Pass root file to C++ program in terminal command

Hi all,

I want to make it very easy to change which root file I’m analysing in my .cpp file by passing it as an argument when I launch the command from the terminal.
I’m not an expert, and the only way I know of to do it is the following:

int main(Int_t argc, char **argv){
 std::ofstream readfile;
    if(argc>1){
      readfile.open(argv[2],std::ofstream::out);//set file name
      std::cout<<"Setting truth file name to "<<argv[2]<<std::endl;
    }
 }  

But I don’t know how to then get access to the TTree within the root file that I pass it.
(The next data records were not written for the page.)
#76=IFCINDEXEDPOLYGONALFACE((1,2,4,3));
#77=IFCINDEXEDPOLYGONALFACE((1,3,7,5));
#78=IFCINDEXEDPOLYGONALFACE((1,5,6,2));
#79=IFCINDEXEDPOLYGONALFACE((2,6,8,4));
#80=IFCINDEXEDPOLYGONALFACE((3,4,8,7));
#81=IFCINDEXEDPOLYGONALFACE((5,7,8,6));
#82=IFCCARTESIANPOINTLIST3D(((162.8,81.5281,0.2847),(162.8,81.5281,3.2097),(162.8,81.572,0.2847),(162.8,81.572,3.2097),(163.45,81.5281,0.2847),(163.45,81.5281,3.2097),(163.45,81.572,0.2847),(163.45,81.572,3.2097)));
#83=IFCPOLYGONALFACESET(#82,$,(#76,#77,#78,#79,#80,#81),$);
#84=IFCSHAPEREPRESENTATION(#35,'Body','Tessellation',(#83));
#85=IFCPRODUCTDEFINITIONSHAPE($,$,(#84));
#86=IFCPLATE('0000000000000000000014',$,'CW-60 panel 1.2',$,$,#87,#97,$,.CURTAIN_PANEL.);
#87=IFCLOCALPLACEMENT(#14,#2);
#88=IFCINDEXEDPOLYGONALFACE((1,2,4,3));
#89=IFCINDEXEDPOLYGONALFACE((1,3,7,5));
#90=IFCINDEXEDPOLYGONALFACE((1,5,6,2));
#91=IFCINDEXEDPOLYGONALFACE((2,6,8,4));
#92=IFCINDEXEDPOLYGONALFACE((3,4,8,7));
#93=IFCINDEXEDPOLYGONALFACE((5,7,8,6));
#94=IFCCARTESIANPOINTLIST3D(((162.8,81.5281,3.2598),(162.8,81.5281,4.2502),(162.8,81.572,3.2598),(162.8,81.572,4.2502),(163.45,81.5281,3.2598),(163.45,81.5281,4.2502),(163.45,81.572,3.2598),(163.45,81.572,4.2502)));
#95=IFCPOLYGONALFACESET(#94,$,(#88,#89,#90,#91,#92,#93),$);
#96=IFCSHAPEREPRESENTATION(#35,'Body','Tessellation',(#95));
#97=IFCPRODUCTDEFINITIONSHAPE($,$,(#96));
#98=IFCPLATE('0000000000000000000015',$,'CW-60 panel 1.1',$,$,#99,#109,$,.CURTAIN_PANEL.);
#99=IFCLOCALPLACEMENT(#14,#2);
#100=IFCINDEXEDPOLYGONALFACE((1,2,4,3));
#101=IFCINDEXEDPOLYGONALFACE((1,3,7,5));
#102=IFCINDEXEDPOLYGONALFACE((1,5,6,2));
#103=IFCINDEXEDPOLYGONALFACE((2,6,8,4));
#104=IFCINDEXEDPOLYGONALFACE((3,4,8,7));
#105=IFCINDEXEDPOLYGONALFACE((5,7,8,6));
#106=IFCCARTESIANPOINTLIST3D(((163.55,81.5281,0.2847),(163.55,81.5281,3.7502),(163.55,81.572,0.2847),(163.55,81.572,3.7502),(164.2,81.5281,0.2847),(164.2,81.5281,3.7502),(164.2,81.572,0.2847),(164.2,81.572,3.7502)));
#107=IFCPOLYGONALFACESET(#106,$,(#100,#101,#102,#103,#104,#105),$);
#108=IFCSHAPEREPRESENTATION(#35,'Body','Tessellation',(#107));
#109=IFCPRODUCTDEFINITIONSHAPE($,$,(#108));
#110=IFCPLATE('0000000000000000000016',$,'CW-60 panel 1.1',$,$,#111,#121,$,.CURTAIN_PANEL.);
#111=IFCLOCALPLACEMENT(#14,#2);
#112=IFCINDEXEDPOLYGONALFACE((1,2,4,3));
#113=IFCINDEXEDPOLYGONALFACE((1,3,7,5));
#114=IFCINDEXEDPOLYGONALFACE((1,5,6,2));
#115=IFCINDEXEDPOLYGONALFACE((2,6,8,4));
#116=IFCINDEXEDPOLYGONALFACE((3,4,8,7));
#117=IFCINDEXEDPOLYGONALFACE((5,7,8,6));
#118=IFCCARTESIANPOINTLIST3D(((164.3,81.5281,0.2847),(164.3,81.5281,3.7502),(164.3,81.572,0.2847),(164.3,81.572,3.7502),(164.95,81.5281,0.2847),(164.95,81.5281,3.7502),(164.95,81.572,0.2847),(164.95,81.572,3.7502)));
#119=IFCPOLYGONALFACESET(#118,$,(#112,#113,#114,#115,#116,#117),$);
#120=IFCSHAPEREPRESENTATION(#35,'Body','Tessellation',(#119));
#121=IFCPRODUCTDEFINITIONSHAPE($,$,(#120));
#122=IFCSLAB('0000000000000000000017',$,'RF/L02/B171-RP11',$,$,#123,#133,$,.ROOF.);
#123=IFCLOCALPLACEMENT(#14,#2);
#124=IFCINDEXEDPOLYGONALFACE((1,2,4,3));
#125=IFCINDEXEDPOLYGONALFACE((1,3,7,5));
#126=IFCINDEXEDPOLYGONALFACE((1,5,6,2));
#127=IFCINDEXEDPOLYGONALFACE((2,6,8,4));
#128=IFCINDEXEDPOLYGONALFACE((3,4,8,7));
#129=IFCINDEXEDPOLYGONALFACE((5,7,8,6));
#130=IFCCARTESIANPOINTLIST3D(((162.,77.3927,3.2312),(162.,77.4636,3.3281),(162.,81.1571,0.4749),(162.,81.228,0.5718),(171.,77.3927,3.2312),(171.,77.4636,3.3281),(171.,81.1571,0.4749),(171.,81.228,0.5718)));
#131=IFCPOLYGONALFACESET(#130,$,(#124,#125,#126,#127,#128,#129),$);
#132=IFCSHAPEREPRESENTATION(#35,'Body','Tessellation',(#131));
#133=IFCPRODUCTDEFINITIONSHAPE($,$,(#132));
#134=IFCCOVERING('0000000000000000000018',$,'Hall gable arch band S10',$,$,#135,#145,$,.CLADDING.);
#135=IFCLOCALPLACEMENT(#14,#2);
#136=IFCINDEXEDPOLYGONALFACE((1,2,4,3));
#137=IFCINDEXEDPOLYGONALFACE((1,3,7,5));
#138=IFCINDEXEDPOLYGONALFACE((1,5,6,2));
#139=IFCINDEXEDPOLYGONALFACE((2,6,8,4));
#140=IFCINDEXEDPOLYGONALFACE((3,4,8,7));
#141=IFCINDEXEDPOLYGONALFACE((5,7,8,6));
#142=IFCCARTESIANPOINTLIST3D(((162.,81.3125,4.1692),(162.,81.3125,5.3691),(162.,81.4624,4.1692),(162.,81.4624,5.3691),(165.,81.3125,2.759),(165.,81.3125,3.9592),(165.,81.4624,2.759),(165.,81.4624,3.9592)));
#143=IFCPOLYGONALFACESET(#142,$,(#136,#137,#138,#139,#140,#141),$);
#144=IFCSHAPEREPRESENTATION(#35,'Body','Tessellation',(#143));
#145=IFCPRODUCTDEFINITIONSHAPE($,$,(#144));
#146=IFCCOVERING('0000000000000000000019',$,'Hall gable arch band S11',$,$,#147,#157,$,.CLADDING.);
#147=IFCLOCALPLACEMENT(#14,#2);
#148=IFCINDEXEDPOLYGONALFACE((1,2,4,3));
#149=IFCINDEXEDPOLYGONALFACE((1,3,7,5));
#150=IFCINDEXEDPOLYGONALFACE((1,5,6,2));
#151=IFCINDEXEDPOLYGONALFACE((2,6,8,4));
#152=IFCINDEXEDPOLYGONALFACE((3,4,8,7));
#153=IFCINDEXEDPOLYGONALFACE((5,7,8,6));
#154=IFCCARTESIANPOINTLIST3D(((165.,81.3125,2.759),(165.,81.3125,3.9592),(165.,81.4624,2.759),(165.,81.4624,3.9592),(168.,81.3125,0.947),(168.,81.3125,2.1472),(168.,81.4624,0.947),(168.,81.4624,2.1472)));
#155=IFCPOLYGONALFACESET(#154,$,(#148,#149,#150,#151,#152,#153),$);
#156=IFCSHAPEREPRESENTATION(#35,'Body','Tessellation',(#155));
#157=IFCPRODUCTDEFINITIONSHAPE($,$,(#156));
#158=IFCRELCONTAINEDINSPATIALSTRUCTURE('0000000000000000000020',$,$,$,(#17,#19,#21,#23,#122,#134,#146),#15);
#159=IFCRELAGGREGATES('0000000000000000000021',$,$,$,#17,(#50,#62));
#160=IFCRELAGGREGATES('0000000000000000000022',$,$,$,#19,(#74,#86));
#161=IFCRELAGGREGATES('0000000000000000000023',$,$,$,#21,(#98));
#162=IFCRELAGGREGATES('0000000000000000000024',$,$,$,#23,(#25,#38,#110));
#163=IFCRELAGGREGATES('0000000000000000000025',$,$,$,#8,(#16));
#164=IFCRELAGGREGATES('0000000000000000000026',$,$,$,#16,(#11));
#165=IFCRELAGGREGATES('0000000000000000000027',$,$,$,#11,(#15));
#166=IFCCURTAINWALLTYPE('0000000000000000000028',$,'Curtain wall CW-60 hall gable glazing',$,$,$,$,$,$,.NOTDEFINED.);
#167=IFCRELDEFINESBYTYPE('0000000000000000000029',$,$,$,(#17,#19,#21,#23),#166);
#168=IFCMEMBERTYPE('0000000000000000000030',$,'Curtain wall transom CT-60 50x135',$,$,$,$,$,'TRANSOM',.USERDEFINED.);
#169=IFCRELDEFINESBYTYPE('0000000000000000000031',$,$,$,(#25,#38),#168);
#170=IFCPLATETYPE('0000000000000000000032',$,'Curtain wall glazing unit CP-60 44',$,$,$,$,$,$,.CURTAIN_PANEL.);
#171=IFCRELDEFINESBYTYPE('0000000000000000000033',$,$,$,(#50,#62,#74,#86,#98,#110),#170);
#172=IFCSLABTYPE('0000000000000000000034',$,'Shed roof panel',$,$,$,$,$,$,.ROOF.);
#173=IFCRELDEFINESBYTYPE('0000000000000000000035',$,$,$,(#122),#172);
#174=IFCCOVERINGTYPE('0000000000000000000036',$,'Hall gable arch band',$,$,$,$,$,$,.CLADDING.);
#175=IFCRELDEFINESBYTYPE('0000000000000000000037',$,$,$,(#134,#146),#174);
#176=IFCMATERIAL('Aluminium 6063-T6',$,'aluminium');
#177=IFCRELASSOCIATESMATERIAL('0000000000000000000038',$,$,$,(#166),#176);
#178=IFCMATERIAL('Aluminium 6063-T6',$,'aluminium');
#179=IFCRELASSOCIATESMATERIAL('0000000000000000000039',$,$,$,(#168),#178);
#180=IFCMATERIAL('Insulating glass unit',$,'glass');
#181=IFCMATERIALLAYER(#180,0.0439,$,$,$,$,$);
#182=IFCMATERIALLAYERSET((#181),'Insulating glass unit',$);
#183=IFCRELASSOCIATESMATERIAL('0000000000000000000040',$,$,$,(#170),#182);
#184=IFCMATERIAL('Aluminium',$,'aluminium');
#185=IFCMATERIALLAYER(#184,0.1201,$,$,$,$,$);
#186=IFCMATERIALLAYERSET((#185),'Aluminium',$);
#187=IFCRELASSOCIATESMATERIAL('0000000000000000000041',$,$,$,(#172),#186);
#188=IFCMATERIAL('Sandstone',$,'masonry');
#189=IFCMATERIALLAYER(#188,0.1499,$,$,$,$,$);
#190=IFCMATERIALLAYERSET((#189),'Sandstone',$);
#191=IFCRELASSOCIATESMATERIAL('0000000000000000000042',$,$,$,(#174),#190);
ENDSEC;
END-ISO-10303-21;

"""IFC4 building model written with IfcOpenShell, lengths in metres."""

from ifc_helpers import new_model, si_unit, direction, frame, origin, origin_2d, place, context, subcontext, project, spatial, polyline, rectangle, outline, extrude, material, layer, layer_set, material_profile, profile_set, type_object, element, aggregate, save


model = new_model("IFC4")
Is there a better way of opening the file as a TFile, or how’s the best way of getting access to the TTree?

Thanks

int main(Int_t argc, char **argv){
    std::string readfile;
    if(argc>1) {
      std::cout<<"Setting truth file name to "<<argv[1]<<std::endl;
       readfile = argv[1];
    }
    auto f = TFile::Open(readfile.c_str()); // edited
    if (!f || f->IsZombie()) {
      std::cerr << "Could not open the ROOT file: " << readfile << "\n";
      return 1;
    }
    auto tree = f->Get<TTree>("name_of_tree");
    if (!tree) {
      std::cerr << "Could not read the TTree: " << "name_of_tree" << "\n";
      return 2;
    } 
    // Use tree, see User guides, tutorials and TTree and RDataFrame documentation for more information.

 }  
1 Like

It gives me

**error:** **no matching function for call to 'Open'**

auto f = TFile::Open(readfile);

yes, there was a typo in my code, see above for the correct syntax.

1 Like

To piggy back off this question, I’d now like to ask how I can do something similar in a .C root macro. I’d like to either pass the root file to open as an argument when I run the script (root -l myscript.C rootfiletoopen.root) or if that’s not possible be prompted to type the required file into the terminal once the macro has been launched.
Can you help?

Hi,

try

root -l 'myscript.C("rootfiletoopen.root")'
1 Like

That works great!
For future reference to anyone else, my macro looks like this:

void TreeAnalysisMacro(TString firstilename, TString secondfilename){

  /*Open files and set up trees*/
  TFile *truthfile = TFile::Open(firstfilename,"read");
  if(truthfile==nullptr){
    std::cout<<"no truthfile"<<std::endl;
    return;
  } 
  TFile *derivfile = TFile::Open(secondfilename,"read");
  if(derivfile==nullptr){
    std::cout<<"no derivfile"<<std::endl;
    return;
  }

if (truthfile==nullptr || truthfile->IsZombie()) {

I wanted to understand the IsZombie() check better, so I went to the TFile class reference and found:

If the constructor fails in any way IsZombie() will return true

Why would the constructor fail if truthfile.root exists and therefore if(truthfile==nullptr) isn’t a sufficient check?

Because if the truthfile is corrupted, truthfile will not be a nullptr but truthfile->IsZombie() will return true.

You can check by yourself: take a ROOT file and corrupt it manually (i.e., open it in your favorite text editor and delete a few lines). The IsZombie() will return true whenever you try opening that file.